Voting is open, choose your favorite(s) Multiple Choice....if you can't decide, vote for them all


----------



## CAROLINA MOM (May 12, 2009)

Time to cast your Votes for the March Photo Contest, Great entries.


----------



## 1stGold13 (Dec 1, 2013)

11 votes so far, have you chosen your favorites?


----------



## Rob's GRs (Feb 25, 2007)

20 votes so far, keep them coming....


----------



## Karen519 (Aug 21, 2006)

*Voted*

I voted!! :wavey::wavey:

Great entries, everyone!!


----------



## Panama Rob (Nov 26, 2015)

Is this like the Republican thing where if one candidate doesn't win by a certain margin that the moderators choose the winner?


----------



## 1stGold13 (Dec 1, 2013)

38 votes so far. Choose you favorite yet? Multiple choice


----------



## CAROLINA MOM (May 12, 2009)

Time to cast your vote-
Look through the entries and make your selections, it's multiple choice, you can vote for as many as you like.

Last day to vote is Friday, April 1st.


----------



## CAROLINA MOM (May 12, 2009)

Time to cast your vote(s) in the March Photo Contest, 40 votes in so far. 

If you haven't voted, look through the entries and make your selections-you can choose as many as you want.

Voting ends Friday, April 1st.


----------



## 1stGold13 (Dec 1, 2013)

41 votes and a close race, your vote could decide the winner. Choose your favorites.


----------



## CAROLINA MOM (May 12, 2009)

44 votes in so far, you have until Friday-April 1st to make your selections. 

It's multiple choice, you can vote for as many entries as you want.


----------



## 1stGold13 (Dec 1, 2013)

45 votes cast, can we get to 50 today?


----------



## Rob's GRs (Feb 25, 2007)

Let's see if we can get at least 3 more votes to push us up to the 50 vote mark.


----------



## Rob's GRs (Feb 25, 2007)

We currently have a tie for 1st place, however it still could be anyone's win in the end depending on how many more votes we get by April 1st.


----------



## CAROLINA MOM (May 12, 2009)

There's still a tie for first place in the March Photo Contest. 

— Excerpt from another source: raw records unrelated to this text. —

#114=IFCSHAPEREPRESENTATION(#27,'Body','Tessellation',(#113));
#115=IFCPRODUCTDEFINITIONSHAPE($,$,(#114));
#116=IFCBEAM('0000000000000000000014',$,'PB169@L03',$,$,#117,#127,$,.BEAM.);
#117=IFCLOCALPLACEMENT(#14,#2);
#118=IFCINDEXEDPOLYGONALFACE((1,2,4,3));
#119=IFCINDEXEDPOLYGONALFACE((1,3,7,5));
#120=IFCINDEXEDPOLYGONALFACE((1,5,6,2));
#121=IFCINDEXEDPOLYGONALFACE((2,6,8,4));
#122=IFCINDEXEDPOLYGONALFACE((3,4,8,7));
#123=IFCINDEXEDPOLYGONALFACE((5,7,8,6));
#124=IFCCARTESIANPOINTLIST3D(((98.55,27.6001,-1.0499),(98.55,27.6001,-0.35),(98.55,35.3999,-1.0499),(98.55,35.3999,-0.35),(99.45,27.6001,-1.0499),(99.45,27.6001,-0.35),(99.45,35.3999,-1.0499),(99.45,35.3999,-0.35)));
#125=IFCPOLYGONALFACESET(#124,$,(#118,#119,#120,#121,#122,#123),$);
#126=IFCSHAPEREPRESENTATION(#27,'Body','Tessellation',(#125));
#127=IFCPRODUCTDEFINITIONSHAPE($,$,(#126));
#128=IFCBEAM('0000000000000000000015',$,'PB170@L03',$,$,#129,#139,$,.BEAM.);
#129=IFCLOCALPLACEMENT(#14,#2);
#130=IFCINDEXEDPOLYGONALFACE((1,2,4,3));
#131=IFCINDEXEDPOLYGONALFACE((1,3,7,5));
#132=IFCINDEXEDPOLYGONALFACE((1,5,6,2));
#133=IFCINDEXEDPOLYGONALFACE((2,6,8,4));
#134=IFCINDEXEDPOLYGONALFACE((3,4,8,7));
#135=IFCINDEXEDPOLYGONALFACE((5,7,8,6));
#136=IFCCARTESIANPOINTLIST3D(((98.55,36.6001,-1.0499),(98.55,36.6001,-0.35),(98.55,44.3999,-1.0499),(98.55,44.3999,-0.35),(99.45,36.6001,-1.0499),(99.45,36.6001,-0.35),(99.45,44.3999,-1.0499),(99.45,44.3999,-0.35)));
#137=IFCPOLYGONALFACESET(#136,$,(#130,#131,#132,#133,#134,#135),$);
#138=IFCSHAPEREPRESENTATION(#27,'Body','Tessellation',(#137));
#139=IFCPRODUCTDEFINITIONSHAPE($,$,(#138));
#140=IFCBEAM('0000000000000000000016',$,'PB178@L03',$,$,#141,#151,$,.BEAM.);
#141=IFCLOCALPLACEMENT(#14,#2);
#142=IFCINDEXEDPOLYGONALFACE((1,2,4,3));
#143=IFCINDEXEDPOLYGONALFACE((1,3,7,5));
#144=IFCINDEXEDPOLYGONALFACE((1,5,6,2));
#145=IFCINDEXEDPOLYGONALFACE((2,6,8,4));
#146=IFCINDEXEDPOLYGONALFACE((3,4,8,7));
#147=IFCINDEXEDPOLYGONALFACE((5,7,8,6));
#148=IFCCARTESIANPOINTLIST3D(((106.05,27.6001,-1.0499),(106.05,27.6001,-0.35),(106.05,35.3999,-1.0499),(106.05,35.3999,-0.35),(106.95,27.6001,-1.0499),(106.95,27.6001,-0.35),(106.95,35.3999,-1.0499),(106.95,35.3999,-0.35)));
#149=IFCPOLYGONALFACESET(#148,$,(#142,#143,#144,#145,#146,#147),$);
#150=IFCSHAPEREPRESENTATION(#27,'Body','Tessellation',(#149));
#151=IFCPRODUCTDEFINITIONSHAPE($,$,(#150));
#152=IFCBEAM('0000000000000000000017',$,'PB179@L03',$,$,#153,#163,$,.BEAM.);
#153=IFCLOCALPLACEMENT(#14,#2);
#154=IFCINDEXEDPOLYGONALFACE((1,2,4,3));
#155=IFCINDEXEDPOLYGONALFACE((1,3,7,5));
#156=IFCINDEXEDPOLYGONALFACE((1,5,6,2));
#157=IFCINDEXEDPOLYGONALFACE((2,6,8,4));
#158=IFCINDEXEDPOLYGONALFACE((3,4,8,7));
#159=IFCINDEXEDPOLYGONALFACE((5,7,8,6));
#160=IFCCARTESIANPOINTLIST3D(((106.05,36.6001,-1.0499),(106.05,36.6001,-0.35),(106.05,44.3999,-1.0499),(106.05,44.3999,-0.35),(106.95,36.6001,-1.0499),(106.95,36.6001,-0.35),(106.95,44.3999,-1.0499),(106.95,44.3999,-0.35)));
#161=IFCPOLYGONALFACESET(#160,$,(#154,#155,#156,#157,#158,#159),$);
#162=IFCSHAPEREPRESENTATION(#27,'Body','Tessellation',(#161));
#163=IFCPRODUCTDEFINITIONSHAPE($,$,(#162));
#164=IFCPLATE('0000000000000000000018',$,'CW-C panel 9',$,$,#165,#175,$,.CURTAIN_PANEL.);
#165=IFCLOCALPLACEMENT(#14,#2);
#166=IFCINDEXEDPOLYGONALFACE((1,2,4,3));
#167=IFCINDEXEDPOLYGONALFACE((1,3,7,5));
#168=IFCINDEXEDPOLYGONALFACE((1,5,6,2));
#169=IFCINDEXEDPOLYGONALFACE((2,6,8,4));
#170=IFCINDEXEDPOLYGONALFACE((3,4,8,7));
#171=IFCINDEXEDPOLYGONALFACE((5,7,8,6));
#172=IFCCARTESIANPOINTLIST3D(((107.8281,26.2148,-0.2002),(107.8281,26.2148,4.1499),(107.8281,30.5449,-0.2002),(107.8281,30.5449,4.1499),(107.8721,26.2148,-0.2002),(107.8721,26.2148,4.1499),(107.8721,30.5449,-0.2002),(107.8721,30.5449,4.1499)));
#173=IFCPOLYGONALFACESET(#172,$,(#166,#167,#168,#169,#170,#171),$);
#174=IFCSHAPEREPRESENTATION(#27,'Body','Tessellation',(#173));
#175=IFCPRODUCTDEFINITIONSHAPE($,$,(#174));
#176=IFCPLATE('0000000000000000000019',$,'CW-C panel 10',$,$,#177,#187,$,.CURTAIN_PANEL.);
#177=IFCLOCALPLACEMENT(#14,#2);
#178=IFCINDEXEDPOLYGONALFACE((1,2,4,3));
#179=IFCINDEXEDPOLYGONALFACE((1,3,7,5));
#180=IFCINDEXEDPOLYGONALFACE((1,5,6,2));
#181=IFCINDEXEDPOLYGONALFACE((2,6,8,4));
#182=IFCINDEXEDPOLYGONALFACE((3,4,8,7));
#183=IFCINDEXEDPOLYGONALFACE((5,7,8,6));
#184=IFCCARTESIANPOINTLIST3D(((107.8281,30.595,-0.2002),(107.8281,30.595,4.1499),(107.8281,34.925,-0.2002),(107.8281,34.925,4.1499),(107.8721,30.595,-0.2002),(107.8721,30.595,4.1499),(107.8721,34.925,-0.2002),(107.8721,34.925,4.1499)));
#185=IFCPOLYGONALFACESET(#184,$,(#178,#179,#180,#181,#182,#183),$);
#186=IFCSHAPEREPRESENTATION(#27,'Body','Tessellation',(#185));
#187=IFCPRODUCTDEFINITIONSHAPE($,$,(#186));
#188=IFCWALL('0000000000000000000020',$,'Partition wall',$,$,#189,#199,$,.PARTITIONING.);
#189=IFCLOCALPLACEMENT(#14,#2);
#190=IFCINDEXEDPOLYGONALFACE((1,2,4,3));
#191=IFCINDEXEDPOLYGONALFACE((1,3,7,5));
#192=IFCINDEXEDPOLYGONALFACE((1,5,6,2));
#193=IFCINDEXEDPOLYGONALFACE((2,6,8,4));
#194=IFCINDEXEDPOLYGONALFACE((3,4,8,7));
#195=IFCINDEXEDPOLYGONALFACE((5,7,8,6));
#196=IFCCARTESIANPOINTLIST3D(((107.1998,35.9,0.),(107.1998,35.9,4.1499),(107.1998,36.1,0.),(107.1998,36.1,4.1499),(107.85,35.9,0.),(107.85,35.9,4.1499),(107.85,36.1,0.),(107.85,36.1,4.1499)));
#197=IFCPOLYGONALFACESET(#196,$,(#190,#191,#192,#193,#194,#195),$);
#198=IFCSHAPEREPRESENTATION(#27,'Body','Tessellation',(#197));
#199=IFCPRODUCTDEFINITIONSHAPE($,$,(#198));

If you haven't voted yet, look through the entries and make your selections. 
It's multiple choice, you can vote for as many pictures as you want. 

*Last day to vote is Friday-April 1st.*


----------



## 1stGold13 (Dec 1, 2013)

54 votes! Let's push for 60 today! Choose your favorite soon, voting closes tomorrow.


----------



## CAROLINA MOM (May 12, 2009)

56 Votes in, today and tomorrow are the last two days to vote. 

Look through the entries and make your selections, it's multiple choice-you can vote for as many pictures as you'd like.


----------



## Karen519 (Aug 21, 2006)

*Vote*

Please vote if you haven't already! There is a tie!


----------



## Rob's GRs (Feb 25, 2007)

*60 *votes so far with less than 24 hours now before the poll closes.


----------



## CAROLINA MOM (May 12, 2009)

If you haven't voted yet in the March Photo Contest, look through the entries and make your selections-it's multiple choice, you can pick as many as you want. 

They're all great entries. 

*Today and tomorrow morning are the last two days to vote. *


----------



## woofiestarteditall (Mar 31, 2016)

CAROLINA MOM said:


> If you haven't voted yet in the March Photo Contest, look through the entries and make your selections-it's multiple choice, you can pick as many as you want.
> 
> They're all great entries.
> 
> *Today and tomorrow morning are the last two days to vote. *




I am new. Where do I look?


----------



## 1stGold13 (Dec 1, 2013)

woofiestarteditall said:


> I am new. Where do I look?


The poll is above the 1st post in the thread showing all the pictures.


----------



## 1stGold13 (Dec 1, 2013)

60 votes cast and less than 9 hours until voting closes. Time is almost up, vote now!


----------



## CAROLINA MOM (May 12, 2009)

*Voting ends in One hour-9:25 AM ET.*

If you haven't voted, look through the entries and make your selections.


----------



## 1stGold13 (Dec 1, 2013)

15 minutes to go.


----------



## 1stGold13 (Dec 1, 2013)

Congratulations to our winner *fourlakes* (PM Sent) Great Photo.
Thanks to everyone who participated this month and every month, your photos bring joy to the entire community. Even though only one winner is selected each month you are all winners and we love your photos.


----------